Over the past year, real estate values have generally been strong, and the stock market has trended somewhere between stable and outstanding. Suddenly, early retirement is very appealing to many workers whose assets have never looked healthier. Executives, who for years have tried to balance their work life and personal life, are taking an earnest look at their situation and choosing family and personal goals unrelated to career and workplace.
According to Bloomberg News, “…about 2.7 million Americans age 55 or older are contemplating retirement, years earlier than they’d imagined because of the pandemic.”
And an SCE Labor Market Survey, from the center for Microeconomic Data and the Federal Reserve Bank of New York, showed, “The average expected likelihood of working beyond age 67 declined to 32.9 percent in March 2021.” This number equals the lowest documented by the SCE Labor Market Survey.
NQDC Plans and the Rush to Retire at Your Organization
Boards are paying attention. Filling lower-level jobs left open by post-pandemic workplace transitions is a challenge. But what if your organization loses some of its key talent to early retirement? How well can your company function if multiple top executives all find the idea of an early exit very appealing?
Creatively designed nonqualified deferred compensation plans (NQDC) serve the objectives both of employers and executives in a variety of ways. NQDC plans can be structured specifically to help organizations in retaining key talent, positioning organizations to make discretionary contributions to enhance employee retention, including incentive-based contributions.
In a closely held corporation, the company might choose to fund an NQDC plan account for current executives who are considered to be possible future owners, setting an account to vest and distribute on a change in control. This structure creates an “insider transition” arrangement and incentivizes and rewards key executives. At the same time, this type of structure keeps options in play for the company’s current owner.

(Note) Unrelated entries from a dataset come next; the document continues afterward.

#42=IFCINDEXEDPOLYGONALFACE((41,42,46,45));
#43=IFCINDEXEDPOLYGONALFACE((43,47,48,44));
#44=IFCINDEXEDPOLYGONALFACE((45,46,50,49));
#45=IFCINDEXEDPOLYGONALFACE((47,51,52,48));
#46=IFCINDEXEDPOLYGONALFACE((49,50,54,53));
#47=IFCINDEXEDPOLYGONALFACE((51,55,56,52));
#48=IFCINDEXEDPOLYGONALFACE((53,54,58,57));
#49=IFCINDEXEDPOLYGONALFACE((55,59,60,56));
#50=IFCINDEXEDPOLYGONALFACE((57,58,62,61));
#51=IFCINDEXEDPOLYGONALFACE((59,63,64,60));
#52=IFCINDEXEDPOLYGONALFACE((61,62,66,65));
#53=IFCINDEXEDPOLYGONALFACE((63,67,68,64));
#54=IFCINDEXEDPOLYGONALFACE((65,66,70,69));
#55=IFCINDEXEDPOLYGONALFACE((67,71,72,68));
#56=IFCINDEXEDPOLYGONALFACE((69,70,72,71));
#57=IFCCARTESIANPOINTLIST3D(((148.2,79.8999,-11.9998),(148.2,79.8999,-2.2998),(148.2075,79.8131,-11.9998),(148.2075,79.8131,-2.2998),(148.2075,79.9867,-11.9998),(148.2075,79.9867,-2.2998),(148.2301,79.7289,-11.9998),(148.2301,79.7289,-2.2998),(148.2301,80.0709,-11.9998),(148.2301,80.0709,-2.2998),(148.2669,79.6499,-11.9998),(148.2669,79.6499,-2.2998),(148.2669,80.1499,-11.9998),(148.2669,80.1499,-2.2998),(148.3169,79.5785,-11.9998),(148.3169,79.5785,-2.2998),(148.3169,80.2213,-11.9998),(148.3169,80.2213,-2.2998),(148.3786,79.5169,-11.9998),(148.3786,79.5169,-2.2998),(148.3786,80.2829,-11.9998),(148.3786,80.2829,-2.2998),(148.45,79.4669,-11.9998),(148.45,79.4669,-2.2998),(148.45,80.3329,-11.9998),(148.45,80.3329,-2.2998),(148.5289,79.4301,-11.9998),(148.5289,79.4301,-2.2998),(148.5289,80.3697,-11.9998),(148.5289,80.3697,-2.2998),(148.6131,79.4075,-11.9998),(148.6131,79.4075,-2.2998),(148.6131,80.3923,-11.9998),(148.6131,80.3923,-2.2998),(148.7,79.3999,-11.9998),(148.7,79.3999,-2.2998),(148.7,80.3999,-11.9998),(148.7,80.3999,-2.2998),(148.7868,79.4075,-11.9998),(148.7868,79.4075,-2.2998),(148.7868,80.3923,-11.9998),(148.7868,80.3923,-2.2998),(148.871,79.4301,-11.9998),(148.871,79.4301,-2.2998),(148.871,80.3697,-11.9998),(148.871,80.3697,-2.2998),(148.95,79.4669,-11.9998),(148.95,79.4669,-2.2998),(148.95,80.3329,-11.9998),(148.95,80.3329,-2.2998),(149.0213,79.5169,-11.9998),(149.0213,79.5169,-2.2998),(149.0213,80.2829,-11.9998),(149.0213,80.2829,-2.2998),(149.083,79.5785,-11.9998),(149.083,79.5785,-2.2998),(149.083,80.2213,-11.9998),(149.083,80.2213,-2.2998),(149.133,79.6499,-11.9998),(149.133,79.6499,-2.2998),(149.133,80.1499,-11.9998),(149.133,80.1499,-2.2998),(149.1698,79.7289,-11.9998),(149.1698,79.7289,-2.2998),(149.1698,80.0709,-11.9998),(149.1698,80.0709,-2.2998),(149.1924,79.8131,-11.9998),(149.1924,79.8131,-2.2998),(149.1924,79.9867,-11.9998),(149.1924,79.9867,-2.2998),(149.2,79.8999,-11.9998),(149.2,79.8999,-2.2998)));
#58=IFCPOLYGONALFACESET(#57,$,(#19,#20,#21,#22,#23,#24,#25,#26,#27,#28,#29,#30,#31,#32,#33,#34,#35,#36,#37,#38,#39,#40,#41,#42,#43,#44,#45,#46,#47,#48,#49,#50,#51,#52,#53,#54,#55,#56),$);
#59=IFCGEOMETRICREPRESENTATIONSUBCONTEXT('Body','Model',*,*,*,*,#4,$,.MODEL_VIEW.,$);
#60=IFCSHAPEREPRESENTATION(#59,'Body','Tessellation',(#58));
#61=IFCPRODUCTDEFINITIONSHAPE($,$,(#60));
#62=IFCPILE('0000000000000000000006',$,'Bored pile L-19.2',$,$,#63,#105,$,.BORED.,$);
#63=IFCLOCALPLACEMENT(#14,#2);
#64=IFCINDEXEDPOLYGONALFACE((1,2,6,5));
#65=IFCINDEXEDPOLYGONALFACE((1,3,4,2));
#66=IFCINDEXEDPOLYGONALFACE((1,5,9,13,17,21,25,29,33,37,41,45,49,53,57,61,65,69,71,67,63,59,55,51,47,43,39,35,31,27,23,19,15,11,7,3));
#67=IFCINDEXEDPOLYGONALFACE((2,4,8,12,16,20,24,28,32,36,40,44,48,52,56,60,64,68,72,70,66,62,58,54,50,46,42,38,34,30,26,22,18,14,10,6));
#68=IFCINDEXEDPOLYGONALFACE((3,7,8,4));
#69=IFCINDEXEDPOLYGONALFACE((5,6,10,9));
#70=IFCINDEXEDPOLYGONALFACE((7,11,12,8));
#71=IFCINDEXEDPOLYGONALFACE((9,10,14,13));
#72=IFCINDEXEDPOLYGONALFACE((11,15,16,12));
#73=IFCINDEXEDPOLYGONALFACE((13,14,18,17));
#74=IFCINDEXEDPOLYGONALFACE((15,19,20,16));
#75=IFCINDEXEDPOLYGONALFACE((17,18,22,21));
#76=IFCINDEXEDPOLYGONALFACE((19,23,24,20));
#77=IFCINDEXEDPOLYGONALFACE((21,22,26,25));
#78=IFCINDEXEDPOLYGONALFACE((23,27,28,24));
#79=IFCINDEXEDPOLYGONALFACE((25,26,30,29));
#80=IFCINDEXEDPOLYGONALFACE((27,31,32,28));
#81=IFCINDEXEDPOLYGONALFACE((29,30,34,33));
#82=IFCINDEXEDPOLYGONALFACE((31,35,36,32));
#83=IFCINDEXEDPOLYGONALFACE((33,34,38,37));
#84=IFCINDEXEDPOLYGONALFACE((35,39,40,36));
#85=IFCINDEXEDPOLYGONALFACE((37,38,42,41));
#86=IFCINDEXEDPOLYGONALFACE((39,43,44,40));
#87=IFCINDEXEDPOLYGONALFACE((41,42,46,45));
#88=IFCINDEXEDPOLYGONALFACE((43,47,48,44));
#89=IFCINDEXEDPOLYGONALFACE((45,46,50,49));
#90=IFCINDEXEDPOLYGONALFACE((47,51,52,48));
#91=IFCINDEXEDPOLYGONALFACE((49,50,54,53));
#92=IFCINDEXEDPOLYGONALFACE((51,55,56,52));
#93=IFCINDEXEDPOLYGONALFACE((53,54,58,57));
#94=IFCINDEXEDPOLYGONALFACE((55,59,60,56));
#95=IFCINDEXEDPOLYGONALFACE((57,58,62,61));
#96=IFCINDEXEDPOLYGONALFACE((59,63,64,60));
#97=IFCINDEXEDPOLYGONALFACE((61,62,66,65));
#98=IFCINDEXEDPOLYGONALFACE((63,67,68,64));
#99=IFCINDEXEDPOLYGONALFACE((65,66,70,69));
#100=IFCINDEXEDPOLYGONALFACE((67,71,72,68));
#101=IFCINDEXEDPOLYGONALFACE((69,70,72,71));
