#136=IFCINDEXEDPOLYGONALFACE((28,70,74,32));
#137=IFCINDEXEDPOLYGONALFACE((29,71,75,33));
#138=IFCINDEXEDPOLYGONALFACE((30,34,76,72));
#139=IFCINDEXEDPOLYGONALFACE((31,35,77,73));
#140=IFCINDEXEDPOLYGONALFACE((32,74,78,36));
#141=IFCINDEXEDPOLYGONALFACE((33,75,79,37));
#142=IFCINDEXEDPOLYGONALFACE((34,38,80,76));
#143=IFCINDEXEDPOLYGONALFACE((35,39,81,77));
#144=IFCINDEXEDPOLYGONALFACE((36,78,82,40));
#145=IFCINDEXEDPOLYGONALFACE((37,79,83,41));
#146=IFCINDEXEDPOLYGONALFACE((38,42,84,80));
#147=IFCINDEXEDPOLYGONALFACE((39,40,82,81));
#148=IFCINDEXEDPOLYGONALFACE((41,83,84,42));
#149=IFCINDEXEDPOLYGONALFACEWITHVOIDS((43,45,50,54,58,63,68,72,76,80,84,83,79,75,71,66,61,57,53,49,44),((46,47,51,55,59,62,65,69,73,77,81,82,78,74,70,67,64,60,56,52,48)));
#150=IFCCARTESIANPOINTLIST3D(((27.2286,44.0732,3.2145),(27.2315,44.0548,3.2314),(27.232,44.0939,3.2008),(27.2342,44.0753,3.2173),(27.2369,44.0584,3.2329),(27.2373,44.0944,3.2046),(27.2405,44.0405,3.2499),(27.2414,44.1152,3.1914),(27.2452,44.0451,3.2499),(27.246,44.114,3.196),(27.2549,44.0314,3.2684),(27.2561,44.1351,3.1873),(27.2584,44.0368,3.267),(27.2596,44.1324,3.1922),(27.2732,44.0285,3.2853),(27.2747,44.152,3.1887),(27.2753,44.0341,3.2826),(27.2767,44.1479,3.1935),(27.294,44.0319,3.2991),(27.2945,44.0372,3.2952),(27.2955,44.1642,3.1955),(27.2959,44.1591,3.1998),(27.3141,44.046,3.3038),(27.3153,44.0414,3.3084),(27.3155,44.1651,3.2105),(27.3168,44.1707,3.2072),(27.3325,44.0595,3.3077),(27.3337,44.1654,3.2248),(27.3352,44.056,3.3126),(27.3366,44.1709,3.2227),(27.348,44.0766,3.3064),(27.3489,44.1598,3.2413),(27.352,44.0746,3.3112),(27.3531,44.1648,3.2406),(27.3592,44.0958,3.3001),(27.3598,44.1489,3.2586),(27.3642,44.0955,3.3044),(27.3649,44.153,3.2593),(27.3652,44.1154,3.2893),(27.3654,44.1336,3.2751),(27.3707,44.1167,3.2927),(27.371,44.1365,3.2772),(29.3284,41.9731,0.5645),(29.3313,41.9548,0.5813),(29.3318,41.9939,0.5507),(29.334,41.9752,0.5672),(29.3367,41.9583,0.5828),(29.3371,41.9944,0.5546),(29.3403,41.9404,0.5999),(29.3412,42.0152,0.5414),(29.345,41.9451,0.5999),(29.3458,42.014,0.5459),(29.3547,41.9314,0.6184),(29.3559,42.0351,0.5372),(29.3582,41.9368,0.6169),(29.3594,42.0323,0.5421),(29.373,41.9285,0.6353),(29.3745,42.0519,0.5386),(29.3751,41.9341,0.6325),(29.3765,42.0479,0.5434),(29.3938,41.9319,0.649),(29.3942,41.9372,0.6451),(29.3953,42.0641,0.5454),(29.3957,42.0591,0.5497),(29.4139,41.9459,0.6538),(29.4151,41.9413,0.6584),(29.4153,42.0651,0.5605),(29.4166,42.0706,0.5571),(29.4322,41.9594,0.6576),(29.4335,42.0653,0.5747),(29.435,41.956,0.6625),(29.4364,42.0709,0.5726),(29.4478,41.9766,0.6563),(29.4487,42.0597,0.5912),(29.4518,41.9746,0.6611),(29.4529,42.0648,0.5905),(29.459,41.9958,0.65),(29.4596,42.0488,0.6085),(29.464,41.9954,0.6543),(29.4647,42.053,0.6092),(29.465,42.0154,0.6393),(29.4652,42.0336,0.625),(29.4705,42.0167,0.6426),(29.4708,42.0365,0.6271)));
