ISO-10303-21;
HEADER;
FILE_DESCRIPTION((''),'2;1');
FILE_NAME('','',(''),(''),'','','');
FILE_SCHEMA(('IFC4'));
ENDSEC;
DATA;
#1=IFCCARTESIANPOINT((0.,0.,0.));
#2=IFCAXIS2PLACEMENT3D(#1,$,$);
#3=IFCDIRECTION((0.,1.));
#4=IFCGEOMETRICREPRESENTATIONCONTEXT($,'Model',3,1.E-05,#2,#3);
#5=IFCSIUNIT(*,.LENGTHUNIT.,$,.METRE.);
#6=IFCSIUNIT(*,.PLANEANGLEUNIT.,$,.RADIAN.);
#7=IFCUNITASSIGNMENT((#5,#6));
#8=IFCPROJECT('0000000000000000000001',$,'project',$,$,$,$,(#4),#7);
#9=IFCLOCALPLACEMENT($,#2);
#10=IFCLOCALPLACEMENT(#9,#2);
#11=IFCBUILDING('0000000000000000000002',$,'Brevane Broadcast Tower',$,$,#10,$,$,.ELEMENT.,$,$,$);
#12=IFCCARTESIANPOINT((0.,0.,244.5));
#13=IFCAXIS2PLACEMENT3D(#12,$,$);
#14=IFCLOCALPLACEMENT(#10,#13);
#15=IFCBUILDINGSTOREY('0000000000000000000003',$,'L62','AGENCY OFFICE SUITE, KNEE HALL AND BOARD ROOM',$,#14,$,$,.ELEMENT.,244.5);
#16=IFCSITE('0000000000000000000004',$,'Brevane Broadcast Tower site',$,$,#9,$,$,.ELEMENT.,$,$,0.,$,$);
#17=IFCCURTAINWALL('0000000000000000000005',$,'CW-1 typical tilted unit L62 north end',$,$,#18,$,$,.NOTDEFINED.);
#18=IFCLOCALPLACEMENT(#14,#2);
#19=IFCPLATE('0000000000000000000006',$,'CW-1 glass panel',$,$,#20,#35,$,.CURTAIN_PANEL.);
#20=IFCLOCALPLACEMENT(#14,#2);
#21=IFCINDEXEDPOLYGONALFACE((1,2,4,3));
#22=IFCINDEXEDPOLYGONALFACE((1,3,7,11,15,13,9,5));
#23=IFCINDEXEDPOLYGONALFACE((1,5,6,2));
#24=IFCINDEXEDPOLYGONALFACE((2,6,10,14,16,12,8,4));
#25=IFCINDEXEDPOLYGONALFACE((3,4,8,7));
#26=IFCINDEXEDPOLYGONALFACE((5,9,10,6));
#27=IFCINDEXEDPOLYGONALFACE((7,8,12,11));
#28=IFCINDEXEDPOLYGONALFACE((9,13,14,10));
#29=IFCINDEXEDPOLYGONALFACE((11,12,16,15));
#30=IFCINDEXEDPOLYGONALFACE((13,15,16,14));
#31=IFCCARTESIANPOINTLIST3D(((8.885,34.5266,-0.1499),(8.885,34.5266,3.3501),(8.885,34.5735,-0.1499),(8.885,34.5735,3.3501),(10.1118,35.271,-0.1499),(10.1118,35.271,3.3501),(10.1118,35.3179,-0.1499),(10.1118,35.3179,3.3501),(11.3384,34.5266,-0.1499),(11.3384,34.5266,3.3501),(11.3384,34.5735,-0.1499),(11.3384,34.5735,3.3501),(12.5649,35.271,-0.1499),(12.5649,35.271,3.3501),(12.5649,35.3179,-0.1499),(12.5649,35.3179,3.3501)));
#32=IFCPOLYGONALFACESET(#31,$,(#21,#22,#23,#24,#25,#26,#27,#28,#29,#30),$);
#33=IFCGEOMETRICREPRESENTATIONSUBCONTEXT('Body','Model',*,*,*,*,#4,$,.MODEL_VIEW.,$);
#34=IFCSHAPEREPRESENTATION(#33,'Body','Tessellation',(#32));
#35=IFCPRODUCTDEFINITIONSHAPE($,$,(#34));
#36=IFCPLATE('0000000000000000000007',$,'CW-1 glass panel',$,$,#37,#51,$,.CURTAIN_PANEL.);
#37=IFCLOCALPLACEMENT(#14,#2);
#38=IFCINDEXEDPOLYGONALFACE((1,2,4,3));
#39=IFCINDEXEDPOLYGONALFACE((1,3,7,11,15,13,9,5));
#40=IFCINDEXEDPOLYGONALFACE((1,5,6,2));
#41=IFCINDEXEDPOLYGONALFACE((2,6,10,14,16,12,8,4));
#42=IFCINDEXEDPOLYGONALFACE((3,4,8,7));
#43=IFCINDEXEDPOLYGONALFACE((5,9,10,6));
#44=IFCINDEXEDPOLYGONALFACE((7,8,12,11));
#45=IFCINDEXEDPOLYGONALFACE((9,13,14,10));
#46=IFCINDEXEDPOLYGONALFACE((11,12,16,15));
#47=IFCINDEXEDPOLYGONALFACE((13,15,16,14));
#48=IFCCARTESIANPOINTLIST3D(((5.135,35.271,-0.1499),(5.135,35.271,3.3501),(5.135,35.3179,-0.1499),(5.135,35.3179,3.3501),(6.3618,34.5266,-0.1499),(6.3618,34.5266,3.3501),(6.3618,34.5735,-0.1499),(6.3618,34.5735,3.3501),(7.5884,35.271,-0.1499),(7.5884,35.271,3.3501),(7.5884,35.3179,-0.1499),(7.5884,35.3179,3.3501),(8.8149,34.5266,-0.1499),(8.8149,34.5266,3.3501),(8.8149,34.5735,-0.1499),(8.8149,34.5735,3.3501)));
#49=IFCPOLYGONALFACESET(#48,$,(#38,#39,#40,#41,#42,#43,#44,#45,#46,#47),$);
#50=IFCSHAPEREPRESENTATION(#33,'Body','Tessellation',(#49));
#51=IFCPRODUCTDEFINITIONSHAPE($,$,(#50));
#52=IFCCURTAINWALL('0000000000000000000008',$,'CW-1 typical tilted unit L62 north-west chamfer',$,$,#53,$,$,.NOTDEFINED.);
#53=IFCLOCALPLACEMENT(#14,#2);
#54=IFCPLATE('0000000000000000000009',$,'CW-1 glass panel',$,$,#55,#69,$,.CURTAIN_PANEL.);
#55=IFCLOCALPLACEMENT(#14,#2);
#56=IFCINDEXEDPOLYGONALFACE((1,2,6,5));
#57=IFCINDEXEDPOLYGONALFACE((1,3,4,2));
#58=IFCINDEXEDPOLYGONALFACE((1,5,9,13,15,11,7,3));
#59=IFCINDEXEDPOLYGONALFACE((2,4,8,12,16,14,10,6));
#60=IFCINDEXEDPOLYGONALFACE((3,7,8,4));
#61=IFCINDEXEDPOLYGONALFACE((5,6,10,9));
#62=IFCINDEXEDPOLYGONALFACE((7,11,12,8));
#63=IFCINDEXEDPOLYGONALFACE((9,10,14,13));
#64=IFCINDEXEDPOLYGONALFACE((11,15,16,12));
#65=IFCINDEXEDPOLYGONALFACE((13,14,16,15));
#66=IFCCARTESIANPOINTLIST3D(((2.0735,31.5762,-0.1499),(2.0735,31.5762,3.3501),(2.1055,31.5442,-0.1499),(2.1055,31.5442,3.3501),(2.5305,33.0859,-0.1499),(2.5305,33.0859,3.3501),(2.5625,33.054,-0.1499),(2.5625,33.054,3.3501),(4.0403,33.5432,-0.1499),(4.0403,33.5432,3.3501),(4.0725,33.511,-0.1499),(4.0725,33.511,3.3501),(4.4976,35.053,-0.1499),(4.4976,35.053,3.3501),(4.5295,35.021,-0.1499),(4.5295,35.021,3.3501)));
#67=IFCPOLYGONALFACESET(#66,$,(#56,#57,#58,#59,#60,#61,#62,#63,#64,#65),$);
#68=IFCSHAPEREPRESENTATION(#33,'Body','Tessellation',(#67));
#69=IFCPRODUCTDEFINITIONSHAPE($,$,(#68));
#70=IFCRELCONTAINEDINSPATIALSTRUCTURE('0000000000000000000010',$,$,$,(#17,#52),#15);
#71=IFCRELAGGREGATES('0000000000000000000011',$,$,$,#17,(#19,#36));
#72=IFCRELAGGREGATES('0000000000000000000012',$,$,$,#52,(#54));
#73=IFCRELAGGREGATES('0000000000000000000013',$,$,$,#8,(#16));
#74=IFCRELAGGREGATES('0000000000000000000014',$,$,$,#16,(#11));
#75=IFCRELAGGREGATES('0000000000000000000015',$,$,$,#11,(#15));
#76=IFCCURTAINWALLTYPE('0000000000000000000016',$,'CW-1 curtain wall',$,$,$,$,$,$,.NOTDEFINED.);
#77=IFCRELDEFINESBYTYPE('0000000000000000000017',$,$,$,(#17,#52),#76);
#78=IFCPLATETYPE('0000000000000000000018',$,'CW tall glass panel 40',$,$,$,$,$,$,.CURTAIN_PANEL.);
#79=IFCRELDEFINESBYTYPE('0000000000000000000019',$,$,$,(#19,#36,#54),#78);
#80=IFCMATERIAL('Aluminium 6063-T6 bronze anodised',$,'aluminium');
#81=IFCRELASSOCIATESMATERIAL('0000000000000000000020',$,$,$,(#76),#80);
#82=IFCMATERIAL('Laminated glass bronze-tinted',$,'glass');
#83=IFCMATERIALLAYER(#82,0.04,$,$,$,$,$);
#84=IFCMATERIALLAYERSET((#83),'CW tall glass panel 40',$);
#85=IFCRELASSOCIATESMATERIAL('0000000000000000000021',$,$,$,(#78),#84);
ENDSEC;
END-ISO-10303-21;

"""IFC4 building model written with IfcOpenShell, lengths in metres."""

from ifc_helpers import new_model, si_unit, direction, frame, origin, place, context, subcontext, project, spatial, polyline, outline, extrude, material, layer, layer_set, type_object, element, aggregate, save


model = new_model("IFC4")

# Units and contexts
model_context = context("Model", 3, precision=1e-05, world=origin(), true_north=direction((0.0, 1.0)))
body_context = subcontext(model_context, "Body", "Model", "MODEL_VIEW")
ifc_project = project(units=[si_unit("LENGTHUNIT", "METRE"), si_unit("PLANEANGLEUNIT", "RADIAN")], contexts=[model_context])

# Site, building, storey
site_placement = place(None, origin())
site = spatial("IfcSite", under=ifc_project, at=site_placement, Name="Brevane Broadcast Tower site", CompositionType="ELEMENT", RefElevation=0.0)
building_placement = place(site_placement, origin())
building = spatial("IfcBuilding", under=site, at=building_placement, Name="Brevane Broadcast Tower", CompositionType="ELEMENT")
storey_placement = place(building_placement, frame((0.0, 0.0, 244.5)))
storey = spatial("IfcBuildingStorey", under=building, at=storey_placement, Name="L62", Description="AGENCY OFFICE SUITE, KNEE HALL AND BOARD ROOM", CompositionType="ELEMENT", Elevation=244.5)

# Curtain wall, plates
ifc_material_1 = material(Name="Aluminium 6063-T6 bronze anodised", Category="aluminium")
curtain_wall_type = type_object("IfcCurtainWallType", Name="CW-1 curtain wall", PredefinedType="NOTDEFINED", material=ifc_material_1)
ifc_material_2 = material(Name="Laminated glass bronze-tinted", Category="glass")
ifc_layer = layer(ifc_material_2, 0.04)
ifc_layer_set = layer_set([ifc_layer], Name="CW tall glass panel 40")
plate_type = type_object("IfcPlateType", Name="CW tall glass panel 40", PredefinedType="CURTAIN_PANEL", material=ifc_layer_set)
curtain_wall_1_placement = place(storey_placement, origin())
curtain_wall_1 = element("IfcCurtainWall", 1, at=curtain_wall_1_placement, inside=storey, type_object=curtain_wall_type, Name="CW-1 typical tilted unit L62 north end", PredefinedType="NOTDEFINED")
plate_1_placement = place(storey_placement, frame((0.0, 0.0, -0.1499)))
plate_1 = element("IfcPlate", 2, at=plate_1_placement, type_object=plate_type, Name="CW-1 glass panel", PredefinedType="CURTAIN_PANEL", context=body_context, shape_type="SweptSolid", body=[
    extrude(outline(polyline([(12.5649, 35.271), (12.5649, 35.3179), (11.3384, 34.5735), (10.1118, 35.3179), (8.885, 34.5735), (8.885, 34.5266), (10.1118, 35.271), (11.3384, 34.5266), (12.5649, 35.271)])), origin(), (0.0, 0.0, 1.0), 3.5),
])
plate_2_placement = place(storey_placement, frame((0.0, 0.0, -0.1499)))
plate_2 = element("IfcPlate", 3, at=plate_2_placement, type_object=plate_type, Name="CW-1 glass panel", PredefinedType="CURTAIN_PANEL", context=body_context, shape_type="SweptSolid", body=[
    extrude(outline(polyline([(8.8149, 34.5266), (8.8149, 34.5735), (7.5884, 35.3179), (6.3618, 34.5735), (5.135, 35.3179), (5.135, 35.271), (6.3618, 34.5266), (7.5884, 35.271), (8.8149, 34.5266)])), origin(), (0.0, 0.0, 1.0), 3.5),
])
aggregate(curtain_wall_1, [plate_1, plate_2])

# Curtain wall, plate
curtain_wall_2_placement = place(storey_placement, origin())
curtain_wall_2 = element("IfcCurtainWall", 4, at=curtain_wall_2_placement, inside=storey, type_object=curtain_wall_type, Name="CW-1 typical tilted unit L62 north-west chamfer", PredefinedType="NOTDEFINED")
plate_3_placement = place(storey_placement, frame((0.0, 0.0, -0.1499)))
plate_3 = element("IfcPlate", 5, at=plate_3_placement, type_object=plate_type, Name="CW-1 glass panel", PredefinedType="CURTAIN_PANEL", context=body_context, shape_type="SweptSolid", body=[
    extrude(outline(polyline([(4.5295, 35.021), (4.4976, 35.053), (4.0403, 33.5432), (2.5305, 33.0859), (2.0735, 31.5762), (2.1055, 31.5442), (2.5625, 33.054), (4.0725, 33.511), (4.5295, 35.021)])), origin(), (0.0, 0.0, 1.0), 3.5),
])
aggregate(curtain_wall_2, [plate_3])

save(model, "model.ifc")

The only way for your organization to know what options a nonqualified deferred compensation plan may afford it is to invite an experienced executive benefits professional to thoroughly review the company’s existing plans and structure.
For executives contemplating an early exit, the best advice is to retire if, and when, you are comfortable doing so, just don’t make the decision in a rush. If you exit and find the life of a retiree isn’t all you hoped it would be, you may find it very difficult to return to the workforce with the status you previously held.